[PATCH 17/20] x86,percpu: use embedding for 64bit NUMA and page for 32bit NUMA

From: Tejun Heo
Date: Tue Jul 21 2009 - 06:30:10 EST


Embedding percpu first chunk allocator can now handle very sparse unit
mapping. Use embedding allocator instead of lpage for 64bit NUMA.
This removes extra TLB pressure and the need to do complex and fragile
dancing when changing page attributes.

For 32bit, using very sparse unit mapping isn't a good idea because
the vmalloc space is very constrained. 32bit NUMA machines aren't
exactly the focus of optimization and it isn't very clear whether
lpage performs better than page.

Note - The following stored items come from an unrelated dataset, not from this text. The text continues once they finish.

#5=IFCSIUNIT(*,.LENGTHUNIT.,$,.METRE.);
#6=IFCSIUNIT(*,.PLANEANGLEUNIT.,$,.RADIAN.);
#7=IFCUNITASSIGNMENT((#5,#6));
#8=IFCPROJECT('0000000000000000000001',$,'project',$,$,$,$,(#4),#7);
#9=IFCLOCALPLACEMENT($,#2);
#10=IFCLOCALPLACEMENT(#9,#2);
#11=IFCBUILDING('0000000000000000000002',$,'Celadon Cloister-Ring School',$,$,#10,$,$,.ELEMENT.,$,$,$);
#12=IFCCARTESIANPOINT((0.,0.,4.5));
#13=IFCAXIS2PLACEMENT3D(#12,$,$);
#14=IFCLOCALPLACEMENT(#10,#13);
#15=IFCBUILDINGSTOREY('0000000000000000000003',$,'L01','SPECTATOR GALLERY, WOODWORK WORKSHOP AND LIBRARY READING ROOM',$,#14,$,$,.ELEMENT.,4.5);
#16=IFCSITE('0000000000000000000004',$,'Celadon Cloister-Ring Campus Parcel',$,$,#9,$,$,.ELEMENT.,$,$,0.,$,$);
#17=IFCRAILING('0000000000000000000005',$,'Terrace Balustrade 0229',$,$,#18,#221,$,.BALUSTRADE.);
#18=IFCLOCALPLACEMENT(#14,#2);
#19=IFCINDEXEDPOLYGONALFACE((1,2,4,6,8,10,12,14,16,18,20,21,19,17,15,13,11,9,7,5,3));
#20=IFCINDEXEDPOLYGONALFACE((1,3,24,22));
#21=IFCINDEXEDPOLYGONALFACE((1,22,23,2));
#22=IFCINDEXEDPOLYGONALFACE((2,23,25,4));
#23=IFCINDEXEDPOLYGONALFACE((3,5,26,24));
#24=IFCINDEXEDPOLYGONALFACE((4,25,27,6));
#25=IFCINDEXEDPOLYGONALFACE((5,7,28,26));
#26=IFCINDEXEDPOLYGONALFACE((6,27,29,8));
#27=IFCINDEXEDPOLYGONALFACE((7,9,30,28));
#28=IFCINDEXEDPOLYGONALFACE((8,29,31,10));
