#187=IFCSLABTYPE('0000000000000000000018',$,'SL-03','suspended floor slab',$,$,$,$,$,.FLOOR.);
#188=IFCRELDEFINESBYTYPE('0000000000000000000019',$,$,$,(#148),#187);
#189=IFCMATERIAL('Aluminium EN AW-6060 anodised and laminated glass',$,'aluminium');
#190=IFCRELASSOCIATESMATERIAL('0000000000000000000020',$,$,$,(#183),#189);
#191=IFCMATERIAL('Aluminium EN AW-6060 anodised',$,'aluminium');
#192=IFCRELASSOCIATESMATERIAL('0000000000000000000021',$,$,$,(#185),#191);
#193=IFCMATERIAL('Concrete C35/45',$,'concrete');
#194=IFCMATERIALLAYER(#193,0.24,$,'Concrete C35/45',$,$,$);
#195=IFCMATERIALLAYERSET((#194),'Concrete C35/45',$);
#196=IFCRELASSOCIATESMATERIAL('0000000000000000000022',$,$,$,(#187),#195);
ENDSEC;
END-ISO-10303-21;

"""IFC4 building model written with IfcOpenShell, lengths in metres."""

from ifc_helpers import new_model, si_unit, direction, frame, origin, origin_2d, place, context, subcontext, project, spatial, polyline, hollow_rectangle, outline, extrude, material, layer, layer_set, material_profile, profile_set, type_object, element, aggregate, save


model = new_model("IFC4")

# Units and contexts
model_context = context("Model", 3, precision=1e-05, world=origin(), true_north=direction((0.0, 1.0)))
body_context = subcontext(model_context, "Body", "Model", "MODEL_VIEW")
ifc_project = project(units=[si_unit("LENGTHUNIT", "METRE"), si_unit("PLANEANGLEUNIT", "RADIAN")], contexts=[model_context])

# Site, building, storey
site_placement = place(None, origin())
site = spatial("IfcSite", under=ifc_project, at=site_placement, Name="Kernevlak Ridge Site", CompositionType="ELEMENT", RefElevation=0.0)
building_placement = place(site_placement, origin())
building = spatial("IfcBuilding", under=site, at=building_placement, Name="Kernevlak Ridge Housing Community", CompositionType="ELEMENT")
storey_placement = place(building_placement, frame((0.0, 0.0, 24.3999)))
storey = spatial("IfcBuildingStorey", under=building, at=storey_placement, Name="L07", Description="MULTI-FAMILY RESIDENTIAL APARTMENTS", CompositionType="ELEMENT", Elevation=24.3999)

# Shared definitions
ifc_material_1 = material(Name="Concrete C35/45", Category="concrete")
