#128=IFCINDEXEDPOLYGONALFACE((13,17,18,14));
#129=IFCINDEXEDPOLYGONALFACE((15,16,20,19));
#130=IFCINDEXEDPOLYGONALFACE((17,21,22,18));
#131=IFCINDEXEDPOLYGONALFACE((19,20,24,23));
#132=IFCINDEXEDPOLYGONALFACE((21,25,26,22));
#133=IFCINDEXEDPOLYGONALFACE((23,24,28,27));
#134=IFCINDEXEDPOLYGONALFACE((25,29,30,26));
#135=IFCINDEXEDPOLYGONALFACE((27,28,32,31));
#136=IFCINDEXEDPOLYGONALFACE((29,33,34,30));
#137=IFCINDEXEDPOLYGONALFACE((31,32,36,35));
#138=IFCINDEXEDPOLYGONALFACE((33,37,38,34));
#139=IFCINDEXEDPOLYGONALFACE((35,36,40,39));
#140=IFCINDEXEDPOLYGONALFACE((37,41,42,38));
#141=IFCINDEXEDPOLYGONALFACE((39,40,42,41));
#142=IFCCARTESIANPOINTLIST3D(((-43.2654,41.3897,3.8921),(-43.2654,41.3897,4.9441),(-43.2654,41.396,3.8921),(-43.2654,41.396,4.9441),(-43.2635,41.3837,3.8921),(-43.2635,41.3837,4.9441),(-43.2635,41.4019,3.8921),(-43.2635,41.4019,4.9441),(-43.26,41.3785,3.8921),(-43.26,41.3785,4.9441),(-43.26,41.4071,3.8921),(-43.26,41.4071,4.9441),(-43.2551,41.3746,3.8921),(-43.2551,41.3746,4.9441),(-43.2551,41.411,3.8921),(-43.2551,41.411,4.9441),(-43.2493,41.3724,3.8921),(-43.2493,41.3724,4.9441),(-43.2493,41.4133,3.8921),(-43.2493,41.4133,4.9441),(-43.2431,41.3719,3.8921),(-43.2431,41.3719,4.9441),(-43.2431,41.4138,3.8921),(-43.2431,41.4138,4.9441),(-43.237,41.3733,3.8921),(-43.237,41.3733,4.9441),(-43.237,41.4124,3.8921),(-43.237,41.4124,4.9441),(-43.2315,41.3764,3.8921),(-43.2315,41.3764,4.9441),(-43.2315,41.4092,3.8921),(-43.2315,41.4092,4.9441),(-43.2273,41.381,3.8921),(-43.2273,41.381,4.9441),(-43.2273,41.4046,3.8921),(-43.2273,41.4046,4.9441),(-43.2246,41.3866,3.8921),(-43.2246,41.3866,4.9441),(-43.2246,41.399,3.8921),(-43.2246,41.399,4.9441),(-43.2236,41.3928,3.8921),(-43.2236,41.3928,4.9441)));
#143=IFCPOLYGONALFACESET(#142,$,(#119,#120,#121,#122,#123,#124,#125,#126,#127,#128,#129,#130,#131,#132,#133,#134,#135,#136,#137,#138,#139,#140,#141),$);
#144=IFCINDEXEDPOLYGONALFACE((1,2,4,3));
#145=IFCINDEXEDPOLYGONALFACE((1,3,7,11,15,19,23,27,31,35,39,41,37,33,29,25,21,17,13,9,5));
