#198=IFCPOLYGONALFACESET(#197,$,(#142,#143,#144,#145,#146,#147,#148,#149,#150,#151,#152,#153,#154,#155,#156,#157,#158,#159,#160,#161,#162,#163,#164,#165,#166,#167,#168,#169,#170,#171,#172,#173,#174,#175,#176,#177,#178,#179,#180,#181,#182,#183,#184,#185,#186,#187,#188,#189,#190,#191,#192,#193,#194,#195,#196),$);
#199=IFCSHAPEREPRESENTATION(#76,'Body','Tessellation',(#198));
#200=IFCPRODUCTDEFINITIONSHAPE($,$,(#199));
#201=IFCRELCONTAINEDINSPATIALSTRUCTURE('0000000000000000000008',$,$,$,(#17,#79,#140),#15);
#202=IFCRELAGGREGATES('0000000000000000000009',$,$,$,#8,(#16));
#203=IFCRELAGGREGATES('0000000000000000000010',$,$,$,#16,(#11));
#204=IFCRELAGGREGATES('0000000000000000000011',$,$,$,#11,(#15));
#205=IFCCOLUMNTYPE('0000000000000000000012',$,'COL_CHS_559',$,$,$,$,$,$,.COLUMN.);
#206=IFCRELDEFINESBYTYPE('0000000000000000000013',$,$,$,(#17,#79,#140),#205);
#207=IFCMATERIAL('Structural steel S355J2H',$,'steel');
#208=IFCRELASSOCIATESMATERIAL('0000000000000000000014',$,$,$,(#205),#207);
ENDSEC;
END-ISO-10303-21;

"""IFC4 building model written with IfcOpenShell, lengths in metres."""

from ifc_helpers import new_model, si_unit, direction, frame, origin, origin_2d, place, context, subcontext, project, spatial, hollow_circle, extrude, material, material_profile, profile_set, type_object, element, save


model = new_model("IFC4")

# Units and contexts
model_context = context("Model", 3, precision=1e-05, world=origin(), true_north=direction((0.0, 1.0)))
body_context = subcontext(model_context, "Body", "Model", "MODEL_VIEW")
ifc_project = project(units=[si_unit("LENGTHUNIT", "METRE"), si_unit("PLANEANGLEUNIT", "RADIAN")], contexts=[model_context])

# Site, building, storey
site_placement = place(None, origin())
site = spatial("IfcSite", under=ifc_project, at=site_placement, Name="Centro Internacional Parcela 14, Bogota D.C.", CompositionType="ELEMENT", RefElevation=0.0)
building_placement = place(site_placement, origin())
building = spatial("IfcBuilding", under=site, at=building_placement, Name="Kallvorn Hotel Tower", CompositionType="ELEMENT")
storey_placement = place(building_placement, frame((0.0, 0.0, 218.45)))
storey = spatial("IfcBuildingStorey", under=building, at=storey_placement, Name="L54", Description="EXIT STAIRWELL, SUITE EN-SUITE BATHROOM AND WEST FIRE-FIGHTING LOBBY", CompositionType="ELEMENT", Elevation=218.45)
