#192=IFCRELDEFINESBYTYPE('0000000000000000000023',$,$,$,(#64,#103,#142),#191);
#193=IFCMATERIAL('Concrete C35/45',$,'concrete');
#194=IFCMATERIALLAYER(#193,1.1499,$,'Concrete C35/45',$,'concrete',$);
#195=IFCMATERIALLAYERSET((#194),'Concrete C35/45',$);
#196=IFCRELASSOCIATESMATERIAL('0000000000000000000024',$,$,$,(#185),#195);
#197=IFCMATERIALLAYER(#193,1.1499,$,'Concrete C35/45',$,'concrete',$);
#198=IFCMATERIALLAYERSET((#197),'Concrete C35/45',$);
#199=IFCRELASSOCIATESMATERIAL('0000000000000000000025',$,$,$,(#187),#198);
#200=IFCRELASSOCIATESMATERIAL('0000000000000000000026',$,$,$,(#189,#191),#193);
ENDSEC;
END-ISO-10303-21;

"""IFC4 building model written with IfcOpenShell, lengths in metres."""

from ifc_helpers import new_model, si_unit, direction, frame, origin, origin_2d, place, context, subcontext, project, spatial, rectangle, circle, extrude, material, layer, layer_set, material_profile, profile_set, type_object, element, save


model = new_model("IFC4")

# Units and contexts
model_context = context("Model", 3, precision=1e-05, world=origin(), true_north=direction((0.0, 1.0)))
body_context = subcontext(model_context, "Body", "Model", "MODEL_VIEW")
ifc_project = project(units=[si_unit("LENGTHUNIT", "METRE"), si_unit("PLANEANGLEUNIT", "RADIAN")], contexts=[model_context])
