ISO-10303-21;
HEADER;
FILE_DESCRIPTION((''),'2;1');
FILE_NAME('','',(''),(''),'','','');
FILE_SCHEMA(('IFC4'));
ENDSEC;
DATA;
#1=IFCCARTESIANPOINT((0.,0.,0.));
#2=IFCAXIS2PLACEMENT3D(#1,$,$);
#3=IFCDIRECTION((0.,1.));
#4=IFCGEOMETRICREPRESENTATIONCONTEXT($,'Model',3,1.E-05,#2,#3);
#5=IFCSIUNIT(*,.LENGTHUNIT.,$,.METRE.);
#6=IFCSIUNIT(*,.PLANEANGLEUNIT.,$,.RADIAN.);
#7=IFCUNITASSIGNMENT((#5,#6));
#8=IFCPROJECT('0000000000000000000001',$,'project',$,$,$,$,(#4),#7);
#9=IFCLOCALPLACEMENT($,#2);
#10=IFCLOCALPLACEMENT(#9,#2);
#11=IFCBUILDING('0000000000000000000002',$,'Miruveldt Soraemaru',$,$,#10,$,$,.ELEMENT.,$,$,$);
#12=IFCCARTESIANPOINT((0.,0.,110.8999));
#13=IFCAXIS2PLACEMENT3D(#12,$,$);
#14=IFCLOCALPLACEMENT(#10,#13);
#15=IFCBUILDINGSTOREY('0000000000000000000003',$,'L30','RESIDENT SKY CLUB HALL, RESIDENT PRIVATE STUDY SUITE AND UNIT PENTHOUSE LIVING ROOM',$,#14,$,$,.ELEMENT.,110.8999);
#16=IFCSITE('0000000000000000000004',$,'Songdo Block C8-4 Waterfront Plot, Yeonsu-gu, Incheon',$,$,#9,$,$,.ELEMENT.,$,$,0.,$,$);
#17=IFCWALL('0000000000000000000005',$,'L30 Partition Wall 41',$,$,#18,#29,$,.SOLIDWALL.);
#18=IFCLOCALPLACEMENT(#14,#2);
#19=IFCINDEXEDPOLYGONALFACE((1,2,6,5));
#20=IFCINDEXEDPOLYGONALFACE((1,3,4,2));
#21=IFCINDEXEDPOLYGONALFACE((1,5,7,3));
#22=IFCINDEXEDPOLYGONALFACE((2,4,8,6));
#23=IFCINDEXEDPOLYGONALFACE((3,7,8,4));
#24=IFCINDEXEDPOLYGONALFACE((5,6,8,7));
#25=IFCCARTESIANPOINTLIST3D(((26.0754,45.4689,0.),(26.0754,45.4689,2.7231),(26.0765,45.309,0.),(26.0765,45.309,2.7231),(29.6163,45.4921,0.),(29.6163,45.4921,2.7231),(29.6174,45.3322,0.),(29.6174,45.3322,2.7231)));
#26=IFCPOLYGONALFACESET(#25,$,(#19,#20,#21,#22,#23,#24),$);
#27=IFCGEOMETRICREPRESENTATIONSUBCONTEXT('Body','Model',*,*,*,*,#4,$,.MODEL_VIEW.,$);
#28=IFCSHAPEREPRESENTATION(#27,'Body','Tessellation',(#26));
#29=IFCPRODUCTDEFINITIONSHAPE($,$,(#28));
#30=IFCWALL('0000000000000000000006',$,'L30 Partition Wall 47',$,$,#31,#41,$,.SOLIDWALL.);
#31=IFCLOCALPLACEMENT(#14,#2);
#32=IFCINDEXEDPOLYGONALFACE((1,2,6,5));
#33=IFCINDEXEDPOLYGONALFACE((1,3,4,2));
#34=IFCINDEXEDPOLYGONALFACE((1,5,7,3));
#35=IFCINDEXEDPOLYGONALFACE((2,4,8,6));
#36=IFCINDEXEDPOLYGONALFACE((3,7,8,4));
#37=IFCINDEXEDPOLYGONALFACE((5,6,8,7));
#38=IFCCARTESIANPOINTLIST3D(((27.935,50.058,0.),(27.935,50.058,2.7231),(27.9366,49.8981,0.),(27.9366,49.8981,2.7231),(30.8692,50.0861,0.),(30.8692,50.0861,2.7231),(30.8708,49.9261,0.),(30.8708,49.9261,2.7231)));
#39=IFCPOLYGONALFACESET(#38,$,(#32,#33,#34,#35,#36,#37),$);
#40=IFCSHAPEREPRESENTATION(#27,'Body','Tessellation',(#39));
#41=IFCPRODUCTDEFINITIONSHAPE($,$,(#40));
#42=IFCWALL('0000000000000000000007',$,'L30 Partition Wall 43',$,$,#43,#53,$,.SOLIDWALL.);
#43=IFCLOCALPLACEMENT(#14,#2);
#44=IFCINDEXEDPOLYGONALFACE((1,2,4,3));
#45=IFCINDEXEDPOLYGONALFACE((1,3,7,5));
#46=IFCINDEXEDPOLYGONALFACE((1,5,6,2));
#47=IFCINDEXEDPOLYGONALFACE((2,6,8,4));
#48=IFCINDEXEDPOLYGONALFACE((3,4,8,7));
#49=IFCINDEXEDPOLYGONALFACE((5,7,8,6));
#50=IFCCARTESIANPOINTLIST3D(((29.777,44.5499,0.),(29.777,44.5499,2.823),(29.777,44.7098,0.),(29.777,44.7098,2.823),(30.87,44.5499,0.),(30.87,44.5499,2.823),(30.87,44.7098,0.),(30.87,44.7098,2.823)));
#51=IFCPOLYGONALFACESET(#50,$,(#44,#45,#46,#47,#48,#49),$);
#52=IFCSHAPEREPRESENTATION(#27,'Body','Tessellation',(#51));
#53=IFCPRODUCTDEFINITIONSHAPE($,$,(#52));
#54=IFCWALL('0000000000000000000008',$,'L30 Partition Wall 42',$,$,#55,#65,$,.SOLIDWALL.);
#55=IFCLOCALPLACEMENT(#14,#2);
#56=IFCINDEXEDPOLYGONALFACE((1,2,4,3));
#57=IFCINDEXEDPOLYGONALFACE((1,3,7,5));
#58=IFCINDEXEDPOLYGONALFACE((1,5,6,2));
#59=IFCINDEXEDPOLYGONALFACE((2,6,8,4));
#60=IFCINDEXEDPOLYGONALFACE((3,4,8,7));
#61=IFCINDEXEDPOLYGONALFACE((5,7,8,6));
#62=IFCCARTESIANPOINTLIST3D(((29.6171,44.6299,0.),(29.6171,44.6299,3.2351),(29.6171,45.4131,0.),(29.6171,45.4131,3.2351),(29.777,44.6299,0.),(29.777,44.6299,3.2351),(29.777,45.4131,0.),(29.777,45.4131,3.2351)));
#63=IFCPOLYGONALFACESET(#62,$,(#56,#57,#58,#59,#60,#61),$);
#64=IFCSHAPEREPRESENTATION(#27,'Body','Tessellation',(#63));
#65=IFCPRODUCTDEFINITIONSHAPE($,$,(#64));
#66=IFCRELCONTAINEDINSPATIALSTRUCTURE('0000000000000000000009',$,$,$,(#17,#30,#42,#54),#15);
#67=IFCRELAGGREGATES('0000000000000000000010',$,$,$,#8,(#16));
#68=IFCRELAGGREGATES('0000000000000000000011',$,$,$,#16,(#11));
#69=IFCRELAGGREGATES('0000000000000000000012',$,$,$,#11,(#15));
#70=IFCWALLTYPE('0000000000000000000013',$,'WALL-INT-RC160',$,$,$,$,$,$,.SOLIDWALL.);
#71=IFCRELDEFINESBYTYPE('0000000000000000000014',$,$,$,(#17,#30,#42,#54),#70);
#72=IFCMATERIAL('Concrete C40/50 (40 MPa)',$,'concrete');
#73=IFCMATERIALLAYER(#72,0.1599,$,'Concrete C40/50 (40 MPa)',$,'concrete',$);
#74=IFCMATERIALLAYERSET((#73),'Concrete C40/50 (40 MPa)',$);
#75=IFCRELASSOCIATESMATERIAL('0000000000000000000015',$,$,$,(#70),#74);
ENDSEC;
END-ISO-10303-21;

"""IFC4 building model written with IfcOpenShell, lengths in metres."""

from ifc_helpers import new_model, si_unit, direction, frame, frame_2d, origin, place, context, subcontext, project, spatial, rectangle, extrude, material, layer, layer_set, type_object, element, save


model = new_model("IFC4")

# Units and contexts
model_context = context("Model", 3, precision=1e-05, world=origin(), true_north=direction((0.0, 1.0)))
body_context = subcontext(model_context, "Body", "Model", "MODEL_VIEW")
ifc_project = project(units=[si_unit("LENGTHUNIT", "METRE"), si_unit("PLANEANGLEUNIT", "RADIAN")], contexts=[model_context])

# Site, building, storey
site_placement = place(None, origin())
site = spatial("IfcSite", under=ifc_project, at=site_placement, Name="Songdo Block C8-4 Waterfront Plot, Yeonsu-gu, Incheon", CompositionType="ELEMENT", RefElevation=0.0)
building_placement = place(site_placement, origin())
building = spatial("IfcBuilding", under=site, at=building_placement, Name="Miruveldt Soraemaru", CompositionType="ELEMENT")
storey_placement = place(building_placement, frame((0.0, 0.0, 110.8999)))
storey = spatial("IfcBuildingStorey", under=building, at=storey_placement, Name="L30", Description="RESIDENT SKY CLUB HALL, RESIDENT PRIVATE STUDY SUITE AND UNIT PENTHOUSE LIVING ROOM", CompositionType="ELEMENT", Elevation=110.8999)

# Walls
ifc_material_1 = material(Name="Concrete C40/50 (40 MPa)", Category="concrete")
ifc_layer_1 = layer(ifc_material_1, 0.1599, Name="Concrete C40/50 (40 MPa)", Category="concrete")
ifc_layer_set_1 = layer_set([ifc_layer_1], Name="Concrete C40/50 (40 MPa)")
wall_type_1 = type_object("IfcWallType", Name="WALL-INT-RC160", PredefinedType="SOLIDWALL", material=ifc_layer_set_1)
wall_1_placement = place(storey_placement, frame((26.0759, 45.3889, 0.0), z_axis=(0.0, 0.0, 1.0), x_axis=(0.999979, 0.00655, 0.0)))
element("IfcWall", 1, at=wall_1_placement, inside=storey, type_object=wall_type_1, Name="L30 Partition Wall 41", PredefinedType="SOLIDWALL", context=body_context, shape_type="SweptSolid", body=[
    extrude(rectangle(XDim=3.541, YDim=0.1599, at=frame_2d((1.7705, 0.0))), origin(), (0.0, 0.0, 1.0), 2.7231),
])
wall_2_placement = place(storey_placement, frame((30.8701, 50.0061, 0.0), z_axis=(0.0, 0.0, 1.0), x_axis=(-0.999954, -0.009569, 0.0)))
element("IfcWall", 2, at=wall_2_placement, inside=storey, type_object=wall_type_1, Name="L30 Partition Wall 47", PredefinedType="SOLIDWALL", context=body_context, shape_type="SweptSolid", body=[
    extrude(rectangle(XDim=2.9343, YDim=0.1599, at=frame_2d((1.4673, 0.0))), origin(), (0.0, 0.0, 1.0), 2.7231),
])
wall_3_placement = place(storey_placement, frame((29.7771, 44.6299, 0.0), z_axis=(0.0, 0.0, 1.0), x_axis=(1.0, 0.0, 0.0)))
element("IfcWall", 3, at=wall_3_placement, inside=storey, type_object=wall_type_1, Name="L30 Partition Wall 43", PredefinedType="SOLIDWALL", context=body_context, shape_type="SweptSolid", body=[
    extrude(rectangle(XDim=1.093, YDim=0.1599, at=frame_2d((0.5464, 0.0))), origin(), (0.0, 0.0, 1.0), 2.823),
])
wall_4_placement = place(storey_placement, frame((29.697, 45.4131, 0.0), z_axis=(0.0, 0.0, 1.0), x_axis=(0.0, -1.0, 0.0)))
element("IfcWall", 4, at=wall_4_placement, inside=storey, type_object=wall_type_1, Name="L30 Partition Wall 42", PredefinedType="SOLIDWALL", context=body_context, shape_type="SweptSolid", body=[
    extrude(rectangle(XDim=0.7832, YDim=0.1599, at=frame_2d((0.3916, 0.0))), origin(), (0.0, 0.0, 1.0), 3.2351),
])

save(model, "model.ifc")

Use page first chunk allocator for
32bit NUMAs.

As this leaves setup_pcpu_*() functions pretty much empty, fold them
into setup_per_cpu_areas().

Signed-off-by: Tejun Heo <tj@xxxxxxxxxx>
Cc: Ingo Molnar <mingo@xxxxxxx>
Cc: Andi Kleen <andi@xxxxxxxxxxxxxx>
---
arch/x86/Kconfig | 4 -
arch/x86/kernel/setup_percpu.c | 155 +++++++--------------------------------
2 files changed, 28 insertions(+), 131 deletions(-)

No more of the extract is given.